Eylül yeryüzünün sessiz sessiz gözyaşlarını döktüğü demlerdir. Tabiatın soluklandığı derin hıçkırıklarıdır. Değişen bir kültürün renk yelpazesi ve karmaşık bir ironisidir eylül.
Sararan yaprakların ana kucağından kopan yavrular gibi ılık rüzgârların bağrında oradan oraya uçtuğu, nereye nasıl konacağını bilmeden savrulduğu anlardır.
Göçmen kuşların masmavi semalardan huzur dökerek ayrıldığı bir zamanın adıdır eylül..
Eylül, bana bir minik çocuğun ağlama öncesi iç çekmesi halini hatırlatır.
Salt simgesel bir ismin kayalara vuran dalgalar gibi hatıraları yeniden temizleyişi ve yeni bir müjde verişi gibidir eylül.
Özünde düşünceli bir hayat vardır.Bir yetim gibi nereye gittiğini bilmeden dolaşan bir garip hâl içerisinde.
Doğrusu bir sıladır hiç dinmeyen ya da hasretin ilk adım sesleri.
Eylül, mazinin- atiye/geleceğe uzanan demlenmiş burcu burcu kokan bir geleceğidir de aslında…
En nadide umutların içerisinde büyüdüğü bir meşe tohumu gibi ruhunda gizem saklar… Hüzün kokulu bir koca sarı çiçektir. Tatlı bir hayal ve sırlı bir gelecek taşır koynunda.
Zamanın tatlı bir beste eşliğinde gömlek değiştirmesidir eylül.
İçli bir müziğin ruha ılık ılık akışı onu garip bir türküye sürükleyişidir eylül.Mahur bir beste gibi tınısı gönül tellerini titreten kutsi bir nidadır…
Eylül; gözyaşı, bekleyiş ve dinmeyen bir umuttur.
Ana ocağından yar kucağından bir kopuştur aslında eylül.
Bir değişik duygu anaforu olarak da garip bir huzuru da fısıldar.
Bir ironi olarak değişik bir melankolinin neşesini de hissederiz ayrıca.
Derinde uyuyan bir sultan güzelliğini de imgeler.
Eylül; masum aşkların seremonisidir. Güzel daha başka bir güzelliğe bürünür.
Aşkın yalnızlığa –yalnızlığın muhteşem bir aşka sürüklendiği zamandır eylül.
Yürekler bir başka atar. Bir başka heyecanın ritmini taşır sineler.
Eylül de bakışların ahengi değişir; yumak yumak sevgiye dönüşür hisler.
Mekanlar kendi içerisinde renk değiştirir; her şey sevginin pembesiyle tozlaşır ve zaman kendi içinde renk armonisi sunar gelen hislere…

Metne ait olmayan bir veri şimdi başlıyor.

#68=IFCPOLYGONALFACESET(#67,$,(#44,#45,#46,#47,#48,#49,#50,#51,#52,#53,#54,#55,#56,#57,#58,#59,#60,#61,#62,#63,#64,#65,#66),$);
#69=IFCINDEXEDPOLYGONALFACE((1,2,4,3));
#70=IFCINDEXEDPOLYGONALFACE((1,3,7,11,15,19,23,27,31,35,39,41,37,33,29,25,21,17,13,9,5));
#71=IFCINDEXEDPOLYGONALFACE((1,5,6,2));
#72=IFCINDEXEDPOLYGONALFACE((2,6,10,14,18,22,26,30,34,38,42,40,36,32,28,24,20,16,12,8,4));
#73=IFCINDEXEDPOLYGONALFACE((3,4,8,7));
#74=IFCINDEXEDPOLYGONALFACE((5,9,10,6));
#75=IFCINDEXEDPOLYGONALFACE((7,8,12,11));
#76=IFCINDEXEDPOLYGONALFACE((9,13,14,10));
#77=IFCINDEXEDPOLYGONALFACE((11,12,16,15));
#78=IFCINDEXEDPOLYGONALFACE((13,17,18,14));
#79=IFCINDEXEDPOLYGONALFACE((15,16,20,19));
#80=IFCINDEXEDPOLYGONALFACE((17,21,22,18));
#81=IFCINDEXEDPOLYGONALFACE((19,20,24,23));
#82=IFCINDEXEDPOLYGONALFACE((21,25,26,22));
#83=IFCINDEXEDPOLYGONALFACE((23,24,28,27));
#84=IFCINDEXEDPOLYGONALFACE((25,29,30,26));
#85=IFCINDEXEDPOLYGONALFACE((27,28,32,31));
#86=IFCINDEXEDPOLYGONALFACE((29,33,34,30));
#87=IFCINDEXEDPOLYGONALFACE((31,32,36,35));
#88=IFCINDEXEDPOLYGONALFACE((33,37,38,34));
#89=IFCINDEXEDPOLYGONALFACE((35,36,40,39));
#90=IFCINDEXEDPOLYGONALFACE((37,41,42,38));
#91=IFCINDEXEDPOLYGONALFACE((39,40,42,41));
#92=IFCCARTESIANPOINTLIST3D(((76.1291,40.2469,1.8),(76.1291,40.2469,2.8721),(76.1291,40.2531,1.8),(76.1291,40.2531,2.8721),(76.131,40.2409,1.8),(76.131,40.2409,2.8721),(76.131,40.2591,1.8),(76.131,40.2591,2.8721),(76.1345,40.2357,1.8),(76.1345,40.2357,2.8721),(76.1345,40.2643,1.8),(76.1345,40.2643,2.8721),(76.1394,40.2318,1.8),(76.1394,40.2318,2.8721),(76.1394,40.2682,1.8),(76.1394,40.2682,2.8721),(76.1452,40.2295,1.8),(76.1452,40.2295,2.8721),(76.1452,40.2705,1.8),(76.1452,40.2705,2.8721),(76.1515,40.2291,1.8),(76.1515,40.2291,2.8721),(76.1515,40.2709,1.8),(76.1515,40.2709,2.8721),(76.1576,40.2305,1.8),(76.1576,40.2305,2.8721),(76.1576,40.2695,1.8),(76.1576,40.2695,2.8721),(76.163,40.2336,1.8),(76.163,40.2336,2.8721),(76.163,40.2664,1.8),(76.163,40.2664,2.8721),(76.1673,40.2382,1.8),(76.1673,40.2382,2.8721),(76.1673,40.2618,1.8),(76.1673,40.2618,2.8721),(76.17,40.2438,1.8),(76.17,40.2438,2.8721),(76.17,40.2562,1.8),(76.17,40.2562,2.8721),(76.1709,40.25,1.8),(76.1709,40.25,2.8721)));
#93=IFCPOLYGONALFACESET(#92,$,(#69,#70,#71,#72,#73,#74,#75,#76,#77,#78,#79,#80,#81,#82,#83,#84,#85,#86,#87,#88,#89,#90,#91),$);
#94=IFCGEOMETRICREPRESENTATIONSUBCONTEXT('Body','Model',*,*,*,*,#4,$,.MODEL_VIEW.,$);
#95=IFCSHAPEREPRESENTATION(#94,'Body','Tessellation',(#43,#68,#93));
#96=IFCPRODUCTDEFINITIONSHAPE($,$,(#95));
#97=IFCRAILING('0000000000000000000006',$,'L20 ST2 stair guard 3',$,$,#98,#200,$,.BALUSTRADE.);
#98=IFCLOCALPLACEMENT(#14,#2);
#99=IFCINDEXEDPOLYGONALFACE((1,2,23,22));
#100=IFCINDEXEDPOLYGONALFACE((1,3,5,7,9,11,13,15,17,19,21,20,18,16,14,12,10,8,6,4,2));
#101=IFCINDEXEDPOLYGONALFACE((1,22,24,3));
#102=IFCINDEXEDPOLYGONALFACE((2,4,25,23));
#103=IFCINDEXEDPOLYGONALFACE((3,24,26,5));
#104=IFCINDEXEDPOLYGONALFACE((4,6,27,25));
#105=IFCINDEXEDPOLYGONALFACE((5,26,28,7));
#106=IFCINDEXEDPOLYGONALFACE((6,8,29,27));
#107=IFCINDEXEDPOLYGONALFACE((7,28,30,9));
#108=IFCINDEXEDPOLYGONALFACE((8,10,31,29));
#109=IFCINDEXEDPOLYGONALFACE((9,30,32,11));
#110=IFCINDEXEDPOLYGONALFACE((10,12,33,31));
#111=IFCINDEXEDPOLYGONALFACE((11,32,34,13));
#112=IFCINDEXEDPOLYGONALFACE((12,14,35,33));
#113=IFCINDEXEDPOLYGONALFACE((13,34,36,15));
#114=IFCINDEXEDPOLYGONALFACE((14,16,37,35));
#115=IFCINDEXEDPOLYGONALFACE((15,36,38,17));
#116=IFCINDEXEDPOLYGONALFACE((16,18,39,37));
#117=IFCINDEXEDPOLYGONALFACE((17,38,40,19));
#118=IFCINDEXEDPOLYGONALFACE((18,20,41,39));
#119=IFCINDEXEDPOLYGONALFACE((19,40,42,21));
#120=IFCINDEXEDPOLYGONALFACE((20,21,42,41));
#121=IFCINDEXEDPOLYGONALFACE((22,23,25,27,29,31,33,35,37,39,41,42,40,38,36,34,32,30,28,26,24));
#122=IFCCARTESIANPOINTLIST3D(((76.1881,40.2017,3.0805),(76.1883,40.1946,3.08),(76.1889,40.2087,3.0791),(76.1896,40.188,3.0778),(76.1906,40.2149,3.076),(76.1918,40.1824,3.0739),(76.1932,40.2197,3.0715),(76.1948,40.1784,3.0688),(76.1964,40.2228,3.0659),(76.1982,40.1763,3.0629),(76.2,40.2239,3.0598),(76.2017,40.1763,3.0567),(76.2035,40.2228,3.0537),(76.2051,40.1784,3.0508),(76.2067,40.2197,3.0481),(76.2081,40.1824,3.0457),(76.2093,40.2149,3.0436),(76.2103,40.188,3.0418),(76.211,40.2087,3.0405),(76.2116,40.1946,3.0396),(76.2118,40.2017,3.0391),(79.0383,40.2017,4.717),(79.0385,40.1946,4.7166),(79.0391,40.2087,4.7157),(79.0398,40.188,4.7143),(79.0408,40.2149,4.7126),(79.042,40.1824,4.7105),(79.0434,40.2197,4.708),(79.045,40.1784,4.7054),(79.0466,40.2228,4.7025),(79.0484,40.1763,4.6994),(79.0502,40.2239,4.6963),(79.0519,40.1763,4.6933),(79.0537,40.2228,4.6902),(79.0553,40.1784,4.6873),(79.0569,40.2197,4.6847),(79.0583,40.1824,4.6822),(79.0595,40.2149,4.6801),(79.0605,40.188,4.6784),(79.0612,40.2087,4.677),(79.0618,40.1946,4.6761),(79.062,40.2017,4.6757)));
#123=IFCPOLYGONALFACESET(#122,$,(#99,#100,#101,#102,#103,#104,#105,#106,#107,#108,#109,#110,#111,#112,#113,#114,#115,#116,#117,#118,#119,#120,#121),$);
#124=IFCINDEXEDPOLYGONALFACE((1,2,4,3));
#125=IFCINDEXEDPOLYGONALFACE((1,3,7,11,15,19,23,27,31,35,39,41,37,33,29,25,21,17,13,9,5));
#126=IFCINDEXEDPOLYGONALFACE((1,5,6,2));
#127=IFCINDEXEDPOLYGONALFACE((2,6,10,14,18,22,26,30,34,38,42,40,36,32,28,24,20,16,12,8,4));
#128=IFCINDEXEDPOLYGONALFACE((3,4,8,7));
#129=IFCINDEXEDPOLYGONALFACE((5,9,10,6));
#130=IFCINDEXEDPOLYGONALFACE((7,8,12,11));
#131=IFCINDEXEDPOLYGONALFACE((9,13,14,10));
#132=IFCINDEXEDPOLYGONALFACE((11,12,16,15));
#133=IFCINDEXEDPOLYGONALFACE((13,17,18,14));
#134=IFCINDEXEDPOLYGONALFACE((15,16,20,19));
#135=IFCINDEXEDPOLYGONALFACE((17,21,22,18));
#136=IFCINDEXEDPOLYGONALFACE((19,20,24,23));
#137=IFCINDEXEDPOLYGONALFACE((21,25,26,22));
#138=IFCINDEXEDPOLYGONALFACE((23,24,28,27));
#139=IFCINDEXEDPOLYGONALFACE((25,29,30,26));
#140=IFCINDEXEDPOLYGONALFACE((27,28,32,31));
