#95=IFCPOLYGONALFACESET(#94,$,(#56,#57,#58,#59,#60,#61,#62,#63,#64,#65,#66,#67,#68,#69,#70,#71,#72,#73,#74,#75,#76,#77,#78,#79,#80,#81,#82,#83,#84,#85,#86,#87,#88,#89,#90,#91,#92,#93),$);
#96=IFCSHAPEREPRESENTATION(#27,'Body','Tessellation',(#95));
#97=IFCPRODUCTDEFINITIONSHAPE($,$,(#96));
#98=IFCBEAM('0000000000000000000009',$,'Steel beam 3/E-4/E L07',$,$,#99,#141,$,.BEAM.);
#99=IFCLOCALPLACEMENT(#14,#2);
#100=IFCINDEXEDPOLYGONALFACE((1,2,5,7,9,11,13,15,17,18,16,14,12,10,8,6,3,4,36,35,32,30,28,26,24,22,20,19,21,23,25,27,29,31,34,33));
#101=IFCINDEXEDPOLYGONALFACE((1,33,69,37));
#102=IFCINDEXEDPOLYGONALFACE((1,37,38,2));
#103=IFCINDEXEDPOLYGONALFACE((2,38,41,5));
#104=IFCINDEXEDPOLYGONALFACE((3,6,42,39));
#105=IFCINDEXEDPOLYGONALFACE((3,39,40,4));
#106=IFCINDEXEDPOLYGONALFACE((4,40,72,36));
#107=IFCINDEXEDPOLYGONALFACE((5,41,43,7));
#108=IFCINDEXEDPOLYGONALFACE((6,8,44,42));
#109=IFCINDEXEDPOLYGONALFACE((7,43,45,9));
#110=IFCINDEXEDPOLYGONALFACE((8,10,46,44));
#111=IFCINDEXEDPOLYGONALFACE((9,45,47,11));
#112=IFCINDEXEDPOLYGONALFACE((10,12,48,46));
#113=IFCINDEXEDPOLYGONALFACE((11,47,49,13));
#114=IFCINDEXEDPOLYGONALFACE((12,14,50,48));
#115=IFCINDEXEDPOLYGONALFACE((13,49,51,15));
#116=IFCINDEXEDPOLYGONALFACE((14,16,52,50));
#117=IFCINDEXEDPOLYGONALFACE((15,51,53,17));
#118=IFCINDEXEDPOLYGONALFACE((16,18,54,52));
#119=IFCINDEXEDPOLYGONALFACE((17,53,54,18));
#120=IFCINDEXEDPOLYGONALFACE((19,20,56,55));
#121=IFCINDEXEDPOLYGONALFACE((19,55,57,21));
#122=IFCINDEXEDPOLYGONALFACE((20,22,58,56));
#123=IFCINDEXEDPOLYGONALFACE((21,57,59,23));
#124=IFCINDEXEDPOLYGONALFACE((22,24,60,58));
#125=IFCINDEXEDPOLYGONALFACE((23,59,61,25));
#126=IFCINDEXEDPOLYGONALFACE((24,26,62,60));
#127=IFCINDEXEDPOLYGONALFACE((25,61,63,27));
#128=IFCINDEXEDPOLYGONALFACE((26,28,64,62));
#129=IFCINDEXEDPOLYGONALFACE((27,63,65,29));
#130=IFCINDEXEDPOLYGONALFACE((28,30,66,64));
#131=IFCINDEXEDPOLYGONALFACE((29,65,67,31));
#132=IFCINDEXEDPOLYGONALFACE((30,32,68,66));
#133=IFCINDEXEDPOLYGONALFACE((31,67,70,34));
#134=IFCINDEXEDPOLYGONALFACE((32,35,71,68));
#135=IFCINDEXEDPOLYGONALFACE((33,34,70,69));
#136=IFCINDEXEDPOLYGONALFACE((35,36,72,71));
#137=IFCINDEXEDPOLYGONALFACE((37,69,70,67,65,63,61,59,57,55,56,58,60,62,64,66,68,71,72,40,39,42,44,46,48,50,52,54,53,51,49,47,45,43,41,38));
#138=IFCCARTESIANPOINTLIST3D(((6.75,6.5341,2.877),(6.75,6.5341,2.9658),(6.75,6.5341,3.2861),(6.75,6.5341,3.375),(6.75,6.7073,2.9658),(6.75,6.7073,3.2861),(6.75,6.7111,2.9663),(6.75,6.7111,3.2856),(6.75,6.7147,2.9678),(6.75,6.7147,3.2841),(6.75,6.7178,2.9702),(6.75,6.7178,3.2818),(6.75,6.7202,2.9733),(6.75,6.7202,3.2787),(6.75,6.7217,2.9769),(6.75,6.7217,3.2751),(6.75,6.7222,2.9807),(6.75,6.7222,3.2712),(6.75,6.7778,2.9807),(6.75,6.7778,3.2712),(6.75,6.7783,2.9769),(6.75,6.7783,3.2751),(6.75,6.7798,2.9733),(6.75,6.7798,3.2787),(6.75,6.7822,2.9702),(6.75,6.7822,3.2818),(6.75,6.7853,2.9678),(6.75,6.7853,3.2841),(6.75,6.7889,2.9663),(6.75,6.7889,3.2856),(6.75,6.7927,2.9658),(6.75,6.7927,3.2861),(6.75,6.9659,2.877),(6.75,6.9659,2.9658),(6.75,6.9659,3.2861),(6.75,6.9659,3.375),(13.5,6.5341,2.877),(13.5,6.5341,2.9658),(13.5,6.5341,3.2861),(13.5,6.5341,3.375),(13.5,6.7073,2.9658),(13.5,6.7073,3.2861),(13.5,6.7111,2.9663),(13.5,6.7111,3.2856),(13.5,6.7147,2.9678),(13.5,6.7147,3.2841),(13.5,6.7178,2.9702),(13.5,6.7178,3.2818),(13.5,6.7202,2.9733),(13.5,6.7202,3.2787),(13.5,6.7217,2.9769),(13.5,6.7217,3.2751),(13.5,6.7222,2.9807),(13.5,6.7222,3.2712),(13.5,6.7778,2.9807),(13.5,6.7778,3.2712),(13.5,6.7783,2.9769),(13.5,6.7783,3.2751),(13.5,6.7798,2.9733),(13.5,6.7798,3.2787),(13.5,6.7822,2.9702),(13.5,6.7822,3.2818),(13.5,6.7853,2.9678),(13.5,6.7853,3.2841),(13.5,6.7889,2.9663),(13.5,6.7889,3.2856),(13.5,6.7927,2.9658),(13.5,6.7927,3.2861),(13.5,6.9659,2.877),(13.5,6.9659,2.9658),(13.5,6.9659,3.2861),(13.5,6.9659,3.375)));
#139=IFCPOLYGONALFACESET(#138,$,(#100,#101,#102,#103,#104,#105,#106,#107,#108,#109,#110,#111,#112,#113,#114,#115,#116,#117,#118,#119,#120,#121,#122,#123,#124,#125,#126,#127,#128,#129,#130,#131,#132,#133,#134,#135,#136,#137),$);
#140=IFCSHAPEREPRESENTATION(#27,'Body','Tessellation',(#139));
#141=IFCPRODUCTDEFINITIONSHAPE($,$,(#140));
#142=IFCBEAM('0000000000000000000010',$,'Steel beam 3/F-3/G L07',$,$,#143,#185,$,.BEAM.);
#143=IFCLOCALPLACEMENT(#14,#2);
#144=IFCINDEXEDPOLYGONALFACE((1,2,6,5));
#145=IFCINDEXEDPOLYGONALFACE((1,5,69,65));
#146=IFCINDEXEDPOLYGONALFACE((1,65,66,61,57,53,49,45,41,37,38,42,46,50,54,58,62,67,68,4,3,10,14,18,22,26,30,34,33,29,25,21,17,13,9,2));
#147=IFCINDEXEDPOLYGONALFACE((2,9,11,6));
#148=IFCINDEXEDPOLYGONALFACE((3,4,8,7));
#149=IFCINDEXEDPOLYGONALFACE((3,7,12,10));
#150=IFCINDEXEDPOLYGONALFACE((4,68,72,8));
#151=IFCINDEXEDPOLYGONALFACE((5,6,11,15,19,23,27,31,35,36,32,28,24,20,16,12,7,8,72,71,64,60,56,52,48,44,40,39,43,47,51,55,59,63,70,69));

Sevincin huzura meylettiği karmaşık duyguların insana sökün ettiği demlerdir eylül.
Mananın maddede tecelli ettiği bir rengin can buluşudur eylül. Rengin heyecana galebe çalması ya da zamanın insanlara bakarak sapsarı bir tebessümüdür de diyebiliriz.
Kısaca ;Tabiatın yaratıcısına bir şükür halidir ..Sararan seccadeler üzerinde huşuya erdiği.